Гоголь не приукрасил действительности, а воссоздал ее с суровой правдивостью, запечатлев в своей поэме самые отвратительные черты крепостнического общества, и сила образов, созданных писателем, была в их типичности, в том, что они передавали самую Сущность людских характеров, наиболее существенное и типическое, свойственное целой социальной группе.

Типы, изображенные им, находились тут же рядом, их легко было узнать и запомнить! И сладкоречивого, заботящегося лишь о собственной особе Манилова, и дубиноголовую, хлопотливую Коробочку, и наглого сплетника и лгуна Ноздрева. Писатель взял их ив жизни, из наблюдений над окружавшими его людьми. Но это были не простые копии, а типические портреты, обобщающие И укрупняющие черты, свойственные целому сословию: «У меня только то и выходило хорошо, — указывал впоследствии Гоголь, — что взято было мной из действительности, из данных, мне известных. Угадывать человека я мог только тогда, когда мне представлялись самые мельчайшие подробности его внешности. Я никогда не писал портрета в смысле простой копии. Я создавал портрет, но создавал его вследствие соображения, а не воображения».

Коробочки, Собакевичи, Ноздревы окружали его на каждом шагу. Это они подняли такой шум и крик после появления «Ревизора». Это благодаря им он вынужден был прожить многие годы вне России, чтобы иметь возможность завершить свою поэму. Гоголь представлял себе, как теперь обозлятся и завопят все эти Коробочки и Ноздревы, узнав себя в образах его поэмы.

Но ведь в ней только правда, только то, что он видел в жизни! Даже самая история покупки и заклада, «мертвых душ», умерших крепостных, которые числились по «ревизиям» переписи якобы живыми, не выдумана им. Еще в детстве он слышал о том, как соседи-помещики покупали «мертвые души» для приобретения прав винокурение или заклада их в Опекунском Совете.
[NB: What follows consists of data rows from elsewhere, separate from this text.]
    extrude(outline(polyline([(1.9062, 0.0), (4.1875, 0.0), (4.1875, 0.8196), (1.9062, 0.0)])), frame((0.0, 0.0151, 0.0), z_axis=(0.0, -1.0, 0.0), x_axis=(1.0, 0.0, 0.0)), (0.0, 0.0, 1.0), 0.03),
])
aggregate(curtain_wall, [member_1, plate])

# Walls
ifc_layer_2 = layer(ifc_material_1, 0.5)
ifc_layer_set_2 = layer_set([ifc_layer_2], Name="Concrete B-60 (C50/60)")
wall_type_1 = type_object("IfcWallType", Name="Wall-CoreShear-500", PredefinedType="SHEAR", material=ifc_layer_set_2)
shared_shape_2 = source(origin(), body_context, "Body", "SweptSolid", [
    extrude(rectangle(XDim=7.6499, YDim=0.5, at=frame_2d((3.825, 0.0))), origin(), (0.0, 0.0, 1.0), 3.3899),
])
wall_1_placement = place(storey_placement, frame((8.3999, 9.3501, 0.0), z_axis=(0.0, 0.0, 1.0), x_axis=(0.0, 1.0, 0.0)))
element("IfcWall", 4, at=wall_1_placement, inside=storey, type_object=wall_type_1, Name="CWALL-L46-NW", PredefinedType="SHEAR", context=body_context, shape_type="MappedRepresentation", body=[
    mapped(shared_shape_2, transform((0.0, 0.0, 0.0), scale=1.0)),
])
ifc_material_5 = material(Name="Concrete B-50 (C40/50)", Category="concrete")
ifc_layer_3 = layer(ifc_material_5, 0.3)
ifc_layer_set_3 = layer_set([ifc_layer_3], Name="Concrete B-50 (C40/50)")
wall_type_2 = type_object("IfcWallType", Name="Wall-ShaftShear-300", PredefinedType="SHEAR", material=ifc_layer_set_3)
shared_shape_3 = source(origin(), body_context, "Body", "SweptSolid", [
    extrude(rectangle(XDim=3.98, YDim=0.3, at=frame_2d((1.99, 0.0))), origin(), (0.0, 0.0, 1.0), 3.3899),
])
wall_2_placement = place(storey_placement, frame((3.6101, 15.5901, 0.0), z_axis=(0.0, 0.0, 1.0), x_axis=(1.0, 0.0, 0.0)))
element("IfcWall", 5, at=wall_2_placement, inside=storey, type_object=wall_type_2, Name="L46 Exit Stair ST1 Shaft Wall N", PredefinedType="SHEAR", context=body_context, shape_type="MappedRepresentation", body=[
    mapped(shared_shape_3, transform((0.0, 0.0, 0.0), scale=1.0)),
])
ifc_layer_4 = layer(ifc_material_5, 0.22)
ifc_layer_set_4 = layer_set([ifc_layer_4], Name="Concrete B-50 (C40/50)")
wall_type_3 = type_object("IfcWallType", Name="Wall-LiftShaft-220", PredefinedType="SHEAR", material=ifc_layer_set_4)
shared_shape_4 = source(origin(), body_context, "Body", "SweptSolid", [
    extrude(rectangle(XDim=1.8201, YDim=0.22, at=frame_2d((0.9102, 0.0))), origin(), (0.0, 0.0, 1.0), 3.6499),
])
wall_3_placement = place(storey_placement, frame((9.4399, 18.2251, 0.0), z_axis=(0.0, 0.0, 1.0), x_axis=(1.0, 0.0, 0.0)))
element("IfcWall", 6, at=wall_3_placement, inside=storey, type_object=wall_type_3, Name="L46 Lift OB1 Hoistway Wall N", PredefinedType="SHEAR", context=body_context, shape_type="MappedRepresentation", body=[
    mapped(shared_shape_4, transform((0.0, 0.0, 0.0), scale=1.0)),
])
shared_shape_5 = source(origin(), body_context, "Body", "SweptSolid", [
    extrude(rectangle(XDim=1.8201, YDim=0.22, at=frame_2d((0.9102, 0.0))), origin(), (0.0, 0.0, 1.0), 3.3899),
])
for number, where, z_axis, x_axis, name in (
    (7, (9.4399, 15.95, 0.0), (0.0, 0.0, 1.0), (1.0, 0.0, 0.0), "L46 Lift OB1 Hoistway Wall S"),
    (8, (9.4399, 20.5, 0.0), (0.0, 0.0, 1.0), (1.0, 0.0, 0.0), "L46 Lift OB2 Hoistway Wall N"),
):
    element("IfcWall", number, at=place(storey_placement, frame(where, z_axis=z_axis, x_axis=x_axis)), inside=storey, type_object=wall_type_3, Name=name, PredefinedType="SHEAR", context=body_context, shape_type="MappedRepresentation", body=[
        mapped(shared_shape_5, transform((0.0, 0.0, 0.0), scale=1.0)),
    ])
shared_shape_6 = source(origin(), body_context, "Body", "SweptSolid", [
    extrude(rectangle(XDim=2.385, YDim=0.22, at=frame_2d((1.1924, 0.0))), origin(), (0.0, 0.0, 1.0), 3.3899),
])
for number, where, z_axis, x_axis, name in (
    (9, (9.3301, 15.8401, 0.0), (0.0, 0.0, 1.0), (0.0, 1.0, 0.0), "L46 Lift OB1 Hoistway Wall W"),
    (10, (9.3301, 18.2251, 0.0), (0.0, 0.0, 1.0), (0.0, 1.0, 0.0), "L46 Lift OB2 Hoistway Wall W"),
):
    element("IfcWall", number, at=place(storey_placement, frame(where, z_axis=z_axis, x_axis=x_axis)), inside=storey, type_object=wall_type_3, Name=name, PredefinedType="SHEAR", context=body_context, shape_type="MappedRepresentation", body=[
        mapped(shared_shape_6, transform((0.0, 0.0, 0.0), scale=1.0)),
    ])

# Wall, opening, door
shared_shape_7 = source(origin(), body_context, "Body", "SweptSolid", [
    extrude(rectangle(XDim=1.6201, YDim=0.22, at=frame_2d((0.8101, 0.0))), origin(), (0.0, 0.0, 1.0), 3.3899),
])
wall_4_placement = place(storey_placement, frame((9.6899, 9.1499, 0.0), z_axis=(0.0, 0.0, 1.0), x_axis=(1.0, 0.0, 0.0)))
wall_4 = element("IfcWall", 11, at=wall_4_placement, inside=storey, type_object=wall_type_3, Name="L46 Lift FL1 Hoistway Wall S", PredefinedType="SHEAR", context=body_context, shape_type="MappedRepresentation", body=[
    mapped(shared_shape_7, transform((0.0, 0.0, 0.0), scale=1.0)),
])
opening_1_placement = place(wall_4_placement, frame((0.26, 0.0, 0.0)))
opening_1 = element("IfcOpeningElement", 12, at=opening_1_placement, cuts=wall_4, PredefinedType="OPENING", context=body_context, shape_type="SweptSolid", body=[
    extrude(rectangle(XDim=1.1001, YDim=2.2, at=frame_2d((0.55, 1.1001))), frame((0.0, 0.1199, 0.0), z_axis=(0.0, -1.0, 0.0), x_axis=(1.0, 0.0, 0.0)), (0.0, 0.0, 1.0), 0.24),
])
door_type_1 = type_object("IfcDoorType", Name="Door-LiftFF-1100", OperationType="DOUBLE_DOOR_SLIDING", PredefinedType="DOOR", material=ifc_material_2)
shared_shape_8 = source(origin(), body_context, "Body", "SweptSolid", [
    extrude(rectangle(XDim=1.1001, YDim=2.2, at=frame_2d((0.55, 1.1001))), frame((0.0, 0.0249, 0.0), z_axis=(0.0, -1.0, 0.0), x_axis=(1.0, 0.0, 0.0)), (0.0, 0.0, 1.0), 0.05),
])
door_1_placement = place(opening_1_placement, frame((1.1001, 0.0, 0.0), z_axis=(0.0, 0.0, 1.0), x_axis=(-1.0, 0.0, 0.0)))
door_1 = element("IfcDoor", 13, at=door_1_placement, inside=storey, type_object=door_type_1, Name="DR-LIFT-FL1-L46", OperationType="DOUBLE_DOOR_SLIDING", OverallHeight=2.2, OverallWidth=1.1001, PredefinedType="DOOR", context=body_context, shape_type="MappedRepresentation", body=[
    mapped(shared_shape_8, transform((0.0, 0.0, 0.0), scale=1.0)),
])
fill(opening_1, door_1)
В «Мертвых душах» Гоголь продолжил и развил начатое им в «Ревизоре». Но теперь круг его обличений крепостнической России, ее господствующей клики стал во много раз шире. Провинциальные помещики, составлявшие основной оплот крепостнической системы, губернский чиновничий синклит, столичные верхи, жестоко осужденные в «Повести о капитане Копейкине», и, наконец, вновь возникший тип ловкого предпринимателя-«спекулятора» в лице Чичикова — все это стало предметом сатиры Гоголя и в целом давало обобщенную картину всей тогдашней России.

Писатель нарисовал чудовищную галерею нравственных уродов, в которых общечеловеческие пороки приобрели в условиях крепостнического строя особенно уродливые и безобразные черты. Таков прижимистый, алчный человеконенавистник Собакевич. Он относится с нескрываемой враждебностью ко всему на свете и прежде всего к любому проявлению прогресса. Собакевич вырастает в грозный символ тупого и злобного реакционера, который признает лишь грубую силу и ненавидит всех и вся на свете. Гоголь уподобляет его даже по внешности медведю, подчеркивая мрачную, звероподобную натуру этого типичного представителя реакции.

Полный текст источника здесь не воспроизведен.